I have 2 external interfaces on my router. One interface is via DSL
(vr0) and one interface is a tunnel over the DSL (tun0).
vr0 provides 1 dynamic ip address and tun0 four static ip addresses.
All there addresses are external internet addresses.
I also have an internal interface, fxp0 where the router is 10.0.0.1
and is providing clients with 10.0.0.x addresses via DHCP.
What I would like to do here is:
* Map four internal 10.0.0.x addresses of the internal intefrace to
the external addresses provided by the tunnel
* Map the rest of the 10.0.0.x addresses of the internal interface
directly to the DSL connection with NAT.
I have asked about this earlier and I got some hints.
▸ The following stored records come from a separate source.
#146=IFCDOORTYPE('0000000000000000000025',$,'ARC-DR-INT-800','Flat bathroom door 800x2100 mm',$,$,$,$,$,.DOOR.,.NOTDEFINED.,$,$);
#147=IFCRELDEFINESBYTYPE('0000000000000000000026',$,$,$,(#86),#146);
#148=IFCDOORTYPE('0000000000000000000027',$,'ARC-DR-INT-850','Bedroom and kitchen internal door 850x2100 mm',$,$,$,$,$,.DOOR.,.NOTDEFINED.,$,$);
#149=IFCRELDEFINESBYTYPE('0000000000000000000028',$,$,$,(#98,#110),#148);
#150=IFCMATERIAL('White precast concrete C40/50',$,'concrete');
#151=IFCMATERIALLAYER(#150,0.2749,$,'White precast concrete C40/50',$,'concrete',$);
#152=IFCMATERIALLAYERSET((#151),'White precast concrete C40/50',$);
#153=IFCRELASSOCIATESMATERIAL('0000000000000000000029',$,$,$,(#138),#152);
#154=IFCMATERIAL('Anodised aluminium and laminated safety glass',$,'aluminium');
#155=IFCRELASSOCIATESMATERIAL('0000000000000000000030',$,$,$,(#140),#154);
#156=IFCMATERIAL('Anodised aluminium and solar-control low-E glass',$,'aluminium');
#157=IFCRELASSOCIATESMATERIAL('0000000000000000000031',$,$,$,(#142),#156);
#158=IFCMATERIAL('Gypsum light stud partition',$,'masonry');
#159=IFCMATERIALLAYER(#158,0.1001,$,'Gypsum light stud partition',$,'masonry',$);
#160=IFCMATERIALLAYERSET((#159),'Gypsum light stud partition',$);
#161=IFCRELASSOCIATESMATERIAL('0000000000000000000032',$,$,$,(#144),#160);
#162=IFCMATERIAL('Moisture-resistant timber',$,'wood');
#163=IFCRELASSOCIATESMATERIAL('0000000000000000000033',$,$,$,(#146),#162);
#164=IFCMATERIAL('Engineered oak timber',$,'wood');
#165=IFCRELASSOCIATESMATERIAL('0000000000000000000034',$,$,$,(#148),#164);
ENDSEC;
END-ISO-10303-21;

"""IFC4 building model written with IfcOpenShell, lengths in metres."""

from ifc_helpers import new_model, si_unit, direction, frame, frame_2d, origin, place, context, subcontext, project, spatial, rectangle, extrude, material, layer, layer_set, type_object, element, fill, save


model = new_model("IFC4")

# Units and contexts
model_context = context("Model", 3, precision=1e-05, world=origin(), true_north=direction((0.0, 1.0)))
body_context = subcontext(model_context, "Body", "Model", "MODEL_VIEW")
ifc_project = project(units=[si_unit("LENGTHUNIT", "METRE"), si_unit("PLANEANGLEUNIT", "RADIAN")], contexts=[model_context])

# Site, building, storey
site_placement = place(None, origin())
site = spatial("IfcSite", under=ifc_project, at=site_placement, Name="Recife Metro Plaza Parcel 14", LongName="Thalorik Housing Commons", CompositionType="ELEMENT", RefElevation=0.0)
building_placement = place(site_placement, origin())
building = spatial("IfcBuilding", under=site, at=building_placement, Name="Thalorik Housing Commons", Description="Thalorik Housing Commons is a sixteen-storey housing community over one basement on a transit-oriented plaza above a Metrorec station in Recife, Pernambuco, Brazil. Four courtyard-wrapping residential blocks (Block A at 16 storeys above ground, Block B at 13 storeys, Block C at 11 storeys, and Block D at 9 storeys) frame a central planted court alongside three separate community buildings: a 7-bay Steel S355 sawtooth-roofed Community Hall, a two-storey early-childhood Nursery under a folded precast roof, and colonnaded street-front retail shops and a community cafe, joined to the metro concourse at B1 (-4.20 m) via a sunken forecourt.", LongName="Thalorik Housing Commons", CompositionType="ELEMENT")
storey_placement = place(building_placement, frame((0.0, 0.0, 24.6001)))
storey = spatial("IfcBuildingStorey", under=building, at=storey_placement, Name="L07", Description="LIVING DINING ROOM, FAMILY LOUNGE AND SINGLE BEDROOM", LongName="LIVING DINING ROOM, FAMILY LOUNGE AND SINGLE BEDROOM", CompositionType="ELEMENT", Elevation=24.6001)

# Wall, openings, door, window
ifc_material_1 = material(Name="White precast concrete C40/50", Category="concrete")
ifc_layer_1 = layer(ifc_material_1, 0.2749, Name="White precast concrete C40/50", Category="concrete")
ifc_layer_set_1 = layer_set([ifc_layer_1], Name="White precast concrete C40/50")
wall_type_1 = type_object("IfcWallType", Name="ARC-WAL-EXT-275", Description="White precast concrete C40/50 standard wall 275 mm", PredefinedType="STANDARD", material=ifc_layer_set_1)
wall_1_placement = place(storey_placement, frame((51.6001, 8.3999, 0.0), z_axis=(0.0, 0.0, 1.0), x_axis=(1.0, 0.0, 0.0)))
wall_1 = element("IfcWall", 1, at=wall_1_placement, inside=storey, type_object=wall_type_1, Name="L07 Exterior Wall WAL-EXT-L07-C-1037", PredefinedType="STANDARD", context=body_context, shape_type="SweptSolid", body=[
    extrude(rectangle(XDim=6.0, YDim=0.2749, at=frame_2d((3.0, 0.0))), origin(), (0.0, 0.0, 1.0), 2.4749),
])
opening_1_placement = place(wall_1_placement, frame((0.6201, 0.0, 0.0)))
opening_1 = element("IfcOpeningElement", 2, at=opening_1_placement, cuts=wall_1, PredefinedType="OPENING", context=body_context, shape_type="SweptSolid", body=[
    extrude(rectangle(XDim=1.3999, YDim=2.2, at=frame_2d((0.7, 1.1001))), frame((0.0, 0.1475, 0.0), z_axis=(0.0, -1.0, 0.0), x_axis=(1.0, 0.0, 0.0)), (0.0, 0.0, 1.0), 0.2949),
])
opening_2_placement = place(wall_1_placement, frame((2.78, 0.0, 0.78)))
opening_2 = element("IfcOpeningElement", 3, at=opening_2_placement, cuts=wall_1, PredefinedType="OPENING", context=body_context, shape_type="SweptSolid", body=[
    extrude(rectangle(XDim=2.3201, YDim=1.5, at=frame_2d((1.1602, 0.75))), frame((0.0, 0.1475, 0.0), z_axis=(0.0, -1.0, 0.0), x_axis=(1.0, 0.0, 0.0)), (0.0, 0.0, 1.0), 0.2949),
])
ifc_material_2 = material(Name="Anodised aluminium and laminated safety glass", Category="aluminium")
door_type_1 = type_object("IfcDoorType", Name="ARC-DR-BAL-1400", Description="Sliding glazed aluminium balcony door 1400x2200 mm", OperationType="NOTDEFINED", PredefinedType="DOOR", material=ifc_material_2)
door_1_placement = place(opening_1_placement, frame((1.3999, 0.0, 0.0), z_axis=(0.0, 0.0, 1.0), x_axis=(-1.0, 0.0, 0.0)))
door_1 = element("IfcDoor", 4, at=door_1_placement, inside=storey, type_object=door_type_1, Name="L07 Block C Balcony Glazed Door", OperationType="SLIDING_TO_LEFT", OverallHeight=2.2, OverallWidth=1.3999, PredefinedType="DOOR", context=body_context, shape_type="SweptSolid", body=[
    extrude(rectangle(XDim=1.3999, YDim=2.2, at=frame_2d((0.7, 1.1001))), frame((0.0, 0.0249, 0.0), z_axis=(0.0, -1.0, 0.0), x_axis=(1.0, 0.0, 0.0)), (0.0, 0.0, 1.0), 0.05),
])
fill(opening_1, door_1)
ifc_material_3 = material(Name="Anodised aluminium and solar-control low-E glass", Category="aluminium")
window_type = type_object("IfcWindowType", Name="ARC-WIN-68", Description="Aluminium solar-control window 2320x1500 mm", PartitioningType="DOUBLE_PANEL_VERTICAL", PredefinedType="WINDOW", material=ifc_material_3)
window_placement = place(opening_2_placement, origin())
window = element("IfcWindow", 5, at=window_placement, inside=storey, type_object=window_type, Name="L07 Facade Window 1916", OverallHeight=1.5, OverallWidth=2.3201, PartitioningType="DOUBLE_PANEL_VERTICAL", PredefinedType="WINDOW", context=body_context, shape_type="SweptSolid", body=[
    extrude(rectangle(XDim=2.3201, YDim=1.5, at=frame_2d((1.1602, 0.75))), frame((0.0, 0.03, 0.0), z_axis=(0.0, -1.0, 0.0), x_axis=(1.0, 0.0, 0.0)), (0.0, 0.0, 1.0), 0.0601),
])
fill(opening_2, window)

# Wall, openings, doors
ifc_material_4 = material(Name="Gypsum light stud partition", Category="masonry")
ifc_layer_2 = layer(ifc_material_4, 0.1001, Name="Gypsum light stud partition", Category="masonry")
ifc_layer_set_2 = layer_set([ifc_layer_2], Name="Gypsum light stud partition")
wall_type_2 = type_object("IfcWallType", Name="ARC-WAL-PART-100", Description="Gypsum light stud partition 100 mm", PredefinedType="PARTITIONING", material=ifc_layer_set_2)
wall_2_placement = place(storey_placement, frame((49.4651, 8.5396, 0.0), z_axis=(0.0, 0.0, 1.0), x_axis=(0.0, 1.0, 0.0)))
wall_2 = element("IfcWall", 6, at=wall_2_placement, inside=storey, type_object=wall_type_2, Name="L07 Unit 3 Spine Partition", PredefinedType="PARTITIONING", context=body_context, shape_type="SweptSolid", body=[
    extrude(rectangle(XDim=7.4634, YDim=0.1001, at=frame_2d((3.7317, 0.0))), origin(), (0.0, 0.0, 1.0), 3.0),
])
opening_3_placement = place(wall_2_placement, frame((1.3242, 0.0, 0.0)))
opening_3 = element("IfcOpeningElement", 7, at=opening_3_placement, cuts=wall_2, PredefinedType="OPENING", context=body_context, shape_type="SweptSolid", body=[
I have now modified the rules some and I think I got it to work
better.
I earlier experienced that packets from the NATed network actually was
duplicated to both the tunnel interface and the physical interface.
I think that my new rules will prevent that. According to tcpdump they
are not duplicated any more.
The config below seem to work allthough the speed seem to be a little
slower than I expected
I dont know if it is because of my rules being incorrect or my
internet provider
having issues.
I also have problems with the route-to rule. Since my external IP
address is provided
with DHCP I dont know if I am always going to get the same gateway
adress and I cannot
find a way having pf finding the default route on itself.
Thankful for any input
BR/
Jens
# $OpenBSD: pf.conf,v 1.35 2008/02/29 17:04:55 reyk Exp $
#
# See pf.conf(5) and /usr/share/pf for syntax and examples.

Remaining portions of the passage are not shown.